ECLI:NL:RBNHO:2021:1761
Rechtbank Noord-Holland
- Eerste aanleg - enkelvoudig
- Rechtspraak.nl
Aftrekbaarheid van onderhoudsverplichtingen na echtscheiding en de gevolgen van een echtscheidingsconvenant
In deze zaak heeft de Rechtbank Noord-Holland op 5 maart 2021 uitspraak gedaan in een geschil tussen eiser, [X], en de inspecteur van de Belastingdienst over de aftrekbaarheid van door eiser aan zijn ex-partner betaalde bedragen als onderhoudsverplichtingen. Eiser had in de jaren 2015 en 2016 bedragen aan zijn ex-partner betaald, maar de Belastingdienst weigerde deze betalingen als aftrekbare onderhoudsverplichtingen te erkennen. De rechtbank oordeelde dat de door eiser betaalde bedragen, ondanks fluctuaties en afwijkingen van de voorlopige voorziening, aftrekbaar zijn. De rechtbank baseerde haar oordeel op de juridische zorgverplichting die voortvloeit uit het familierecht, en de mondelinge afspraken tussen eiser en zijn ex-partner over de betalingen.

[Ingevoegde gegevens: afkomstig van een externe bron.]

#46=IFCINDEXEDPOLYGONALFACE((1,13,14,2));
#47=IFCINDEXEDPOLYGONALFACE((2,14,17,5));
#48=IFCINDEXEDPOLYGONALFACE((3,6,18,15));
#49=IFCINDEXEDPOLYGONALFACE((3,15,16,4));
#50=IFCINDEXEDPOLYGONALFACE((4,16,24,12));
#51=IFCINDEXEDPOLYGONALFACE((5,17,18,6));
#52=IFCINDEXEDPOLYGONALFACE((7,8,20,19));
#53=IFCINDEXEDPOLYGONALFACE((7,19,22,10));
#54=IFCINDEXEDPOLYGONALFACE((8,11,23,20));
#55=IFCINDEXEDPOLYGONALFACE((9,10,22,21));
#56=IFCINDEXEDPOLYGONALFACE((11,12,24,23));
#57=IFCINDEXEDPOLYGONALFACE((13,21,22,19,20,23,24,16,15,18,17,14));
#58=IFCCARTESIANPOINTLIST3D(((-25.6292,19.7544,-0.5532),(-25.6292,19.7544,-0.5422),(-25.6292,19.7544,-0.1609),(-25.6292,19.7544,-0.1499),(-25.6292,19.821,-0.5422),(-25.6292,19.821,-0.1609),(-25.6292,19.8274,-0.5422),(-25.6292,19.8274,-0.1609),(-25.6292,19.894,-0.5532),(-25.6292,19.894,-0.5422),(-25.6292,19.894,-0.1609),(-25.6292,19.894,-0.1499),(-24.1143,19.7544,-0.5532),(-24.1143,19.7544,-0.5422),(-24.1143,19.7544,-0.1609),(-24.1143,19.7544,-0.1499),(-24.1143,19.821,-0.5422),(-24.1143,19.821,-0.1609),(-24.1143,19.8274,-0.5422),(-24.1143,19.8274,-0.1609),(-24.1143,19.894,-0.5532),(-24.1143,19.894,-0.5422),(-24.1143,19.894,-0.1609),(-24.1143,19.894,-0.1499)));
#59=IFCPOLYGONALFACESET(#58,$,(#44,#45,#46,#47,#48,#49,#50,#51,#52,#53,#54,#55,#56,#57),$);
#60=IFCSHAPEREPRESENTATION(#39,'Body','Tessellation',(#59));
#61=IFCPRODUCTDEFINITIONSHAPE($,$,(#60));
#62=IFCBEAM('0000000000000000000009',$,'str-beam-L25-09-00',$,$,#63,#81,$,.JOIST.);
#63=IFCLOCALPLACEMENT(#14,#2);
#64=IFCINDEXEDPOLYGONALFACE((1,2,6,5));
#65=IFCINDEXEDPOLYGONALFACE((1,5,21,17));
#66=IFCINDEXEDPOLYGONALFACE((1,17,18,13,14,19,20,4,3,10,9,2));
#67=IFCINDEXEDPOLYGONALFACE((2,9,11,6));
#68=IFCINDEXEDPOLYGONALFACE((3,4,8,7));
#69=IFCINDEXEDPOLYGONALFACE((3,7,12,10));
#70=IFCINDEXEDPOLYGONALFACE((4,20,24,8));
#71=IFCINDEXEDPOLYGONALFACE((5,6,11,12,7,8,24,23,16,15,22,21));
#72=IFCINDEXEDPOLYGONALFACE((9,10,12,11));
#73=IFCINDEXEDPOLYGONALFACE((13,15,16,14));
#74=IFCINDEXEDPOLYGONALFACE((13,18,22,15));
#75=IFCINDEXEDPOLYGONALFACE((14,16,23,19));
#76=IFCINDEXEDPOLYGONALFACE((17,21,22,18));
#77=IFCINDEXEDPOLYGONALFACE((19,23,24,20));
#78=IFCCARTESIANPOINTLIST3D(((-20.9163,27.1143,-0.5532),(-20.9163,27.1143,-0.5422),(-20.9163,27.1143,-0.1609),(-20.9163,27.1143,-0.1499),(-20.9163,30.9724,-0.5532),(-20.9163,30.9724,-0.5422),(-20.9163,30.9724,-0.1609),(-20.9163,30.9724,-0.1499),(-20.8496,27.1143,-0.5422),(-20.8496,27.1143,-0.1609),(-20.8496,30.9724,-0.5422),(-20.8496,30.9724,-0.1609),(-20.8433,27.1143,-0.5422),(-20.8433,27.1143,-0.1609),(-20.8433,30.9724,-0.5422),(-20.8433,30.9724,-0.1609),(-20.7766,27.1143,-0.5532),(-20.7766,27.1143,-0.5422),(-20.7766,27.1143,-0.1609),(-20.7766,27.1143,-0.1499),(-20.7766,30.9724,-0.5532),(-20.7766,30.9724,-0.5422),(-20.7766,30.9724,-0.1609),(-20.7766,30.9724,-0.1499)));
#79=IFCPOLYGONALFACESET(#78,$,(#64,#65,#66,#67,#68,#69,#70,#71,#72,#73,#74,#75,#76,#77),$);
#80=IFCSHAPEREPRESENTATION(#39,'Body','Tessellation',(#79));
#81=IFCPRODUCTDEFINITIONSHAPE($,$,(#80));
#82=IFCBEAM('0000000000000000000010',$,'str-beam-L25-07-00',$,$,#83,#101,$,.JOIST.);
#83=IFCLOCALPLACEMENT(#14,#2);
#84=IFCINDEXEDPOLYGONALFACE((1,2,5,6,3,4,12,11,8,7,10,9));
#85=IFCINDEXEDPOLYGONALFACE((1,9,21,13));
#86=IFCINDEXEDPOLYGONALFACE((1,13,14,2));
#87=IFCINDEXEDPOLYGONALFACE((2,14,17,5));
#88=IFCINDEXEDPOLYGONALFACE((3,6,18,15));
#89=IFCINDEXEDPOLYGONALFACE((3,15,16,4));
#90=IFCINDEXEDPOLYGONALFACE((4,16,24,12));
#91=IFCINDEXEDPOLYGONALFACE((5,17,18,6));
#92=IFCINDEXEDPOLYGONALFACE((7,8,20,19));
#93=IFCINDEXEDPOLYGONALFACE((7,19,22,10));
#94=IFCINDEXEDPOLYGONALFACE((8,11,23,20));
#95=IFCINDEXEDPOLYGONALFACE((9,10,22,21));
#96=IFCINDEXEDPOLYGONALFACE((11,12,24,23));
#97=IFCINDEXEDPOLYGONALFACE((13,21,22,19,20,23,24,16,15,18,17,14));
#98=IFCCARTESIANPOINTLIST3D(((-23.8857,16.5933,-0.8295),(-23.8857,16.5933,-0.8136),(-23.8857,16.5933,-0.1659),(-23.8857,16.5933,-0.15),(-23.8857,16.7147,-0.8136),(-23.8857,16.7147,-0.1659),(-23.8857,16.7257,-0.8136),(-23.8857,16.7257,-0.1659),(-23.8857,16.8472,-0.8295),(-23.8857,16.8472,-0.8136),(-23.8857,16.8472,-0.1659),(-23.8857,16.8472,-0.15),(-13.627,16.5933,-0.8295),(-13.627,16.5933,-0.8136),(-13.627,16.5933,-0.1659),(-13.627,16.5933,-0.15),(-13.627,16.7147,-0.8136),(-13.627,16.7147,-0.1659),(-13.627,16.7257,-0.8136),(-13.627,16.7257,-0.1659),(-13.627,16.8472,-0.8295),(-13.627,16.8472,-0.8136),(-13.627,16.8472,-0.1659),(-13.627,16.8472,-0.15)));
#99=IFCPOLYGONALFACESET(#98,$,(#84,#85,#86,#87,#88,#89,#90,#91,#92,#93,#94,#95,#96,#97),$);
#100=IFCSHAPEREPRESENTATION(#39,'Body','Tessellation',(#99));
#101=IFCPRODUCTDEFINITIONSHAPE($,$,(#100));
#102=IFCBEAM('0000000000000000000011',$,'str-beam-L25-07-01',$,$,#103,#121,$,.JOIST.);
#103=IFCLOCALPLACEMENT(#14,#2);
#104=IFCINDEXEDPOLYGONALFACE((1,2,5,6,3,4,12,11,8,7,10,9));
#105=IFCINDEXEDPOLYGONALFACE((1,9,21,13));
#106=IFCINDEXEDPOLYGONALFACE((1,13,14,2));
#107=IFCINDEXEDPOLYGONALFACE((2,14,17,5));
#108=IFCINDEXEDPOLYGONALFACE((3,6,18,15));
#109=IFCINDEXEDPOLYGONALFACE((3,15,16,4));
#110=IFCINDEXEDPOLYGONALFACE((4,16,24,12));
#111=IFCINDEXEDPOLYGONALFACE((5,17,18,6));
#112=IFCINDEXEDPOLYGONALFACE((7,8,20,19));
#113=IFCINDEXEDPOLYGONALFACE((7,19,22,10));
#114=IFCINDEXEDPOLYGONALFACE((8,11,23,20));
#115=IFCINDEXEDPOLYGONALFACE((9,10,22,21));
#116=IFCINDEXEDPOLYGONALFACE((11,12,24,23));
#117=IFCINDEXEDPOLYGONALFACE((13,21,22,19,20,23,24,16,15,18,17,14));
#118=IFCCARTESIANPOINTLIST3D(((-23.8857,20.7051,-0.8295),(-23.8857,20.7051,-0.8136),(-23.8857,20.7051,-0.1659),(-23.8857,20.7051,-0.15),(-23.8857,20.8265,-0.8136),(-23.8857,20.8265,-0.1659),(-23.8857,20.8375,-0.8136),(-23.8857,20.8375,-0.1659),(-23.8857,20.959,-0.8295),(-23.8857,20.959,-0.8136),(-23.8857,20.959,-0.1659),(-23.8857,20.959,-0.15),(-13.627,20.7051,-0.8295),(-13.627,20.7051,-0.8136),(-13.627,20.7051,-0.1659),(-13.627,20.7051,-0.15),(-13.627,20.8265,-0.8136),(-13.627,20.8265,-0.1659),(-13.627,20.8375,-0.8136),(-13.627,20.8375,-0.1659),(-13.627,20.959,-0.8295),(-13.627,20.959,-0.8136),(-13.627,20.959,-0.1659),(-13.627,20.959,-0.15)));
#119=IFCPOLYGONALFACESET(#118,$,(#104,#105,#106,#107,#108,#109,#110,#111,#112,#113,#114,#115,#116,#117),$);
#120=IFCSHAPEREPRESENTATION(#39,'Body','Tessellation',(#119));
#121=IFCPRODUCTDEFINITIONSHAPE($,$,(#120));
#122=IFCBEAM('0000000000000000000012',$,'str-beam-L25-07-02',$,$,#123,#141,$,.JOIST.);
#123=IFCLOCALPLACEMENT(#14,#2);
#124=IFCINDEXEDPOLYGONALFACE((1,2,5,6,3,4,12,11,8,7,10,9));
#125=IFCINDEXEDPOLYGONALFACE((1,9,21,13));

De rechtbank concludeerde dat de betalingen in de jaren 2015 en 2016 als periodieke uitkeringen kwalificeerden, en dat de aanslagen inkomstenbelasting en premie volksverzekeringen voor deze jaren moesten worden verminderd. De rechtbank verklaarde de beroepen gegrond, vernietigde de uitspraken op bezwaar en droeg de Belastingdienst op het betaalde griffierecht aan eiser te vergoeden.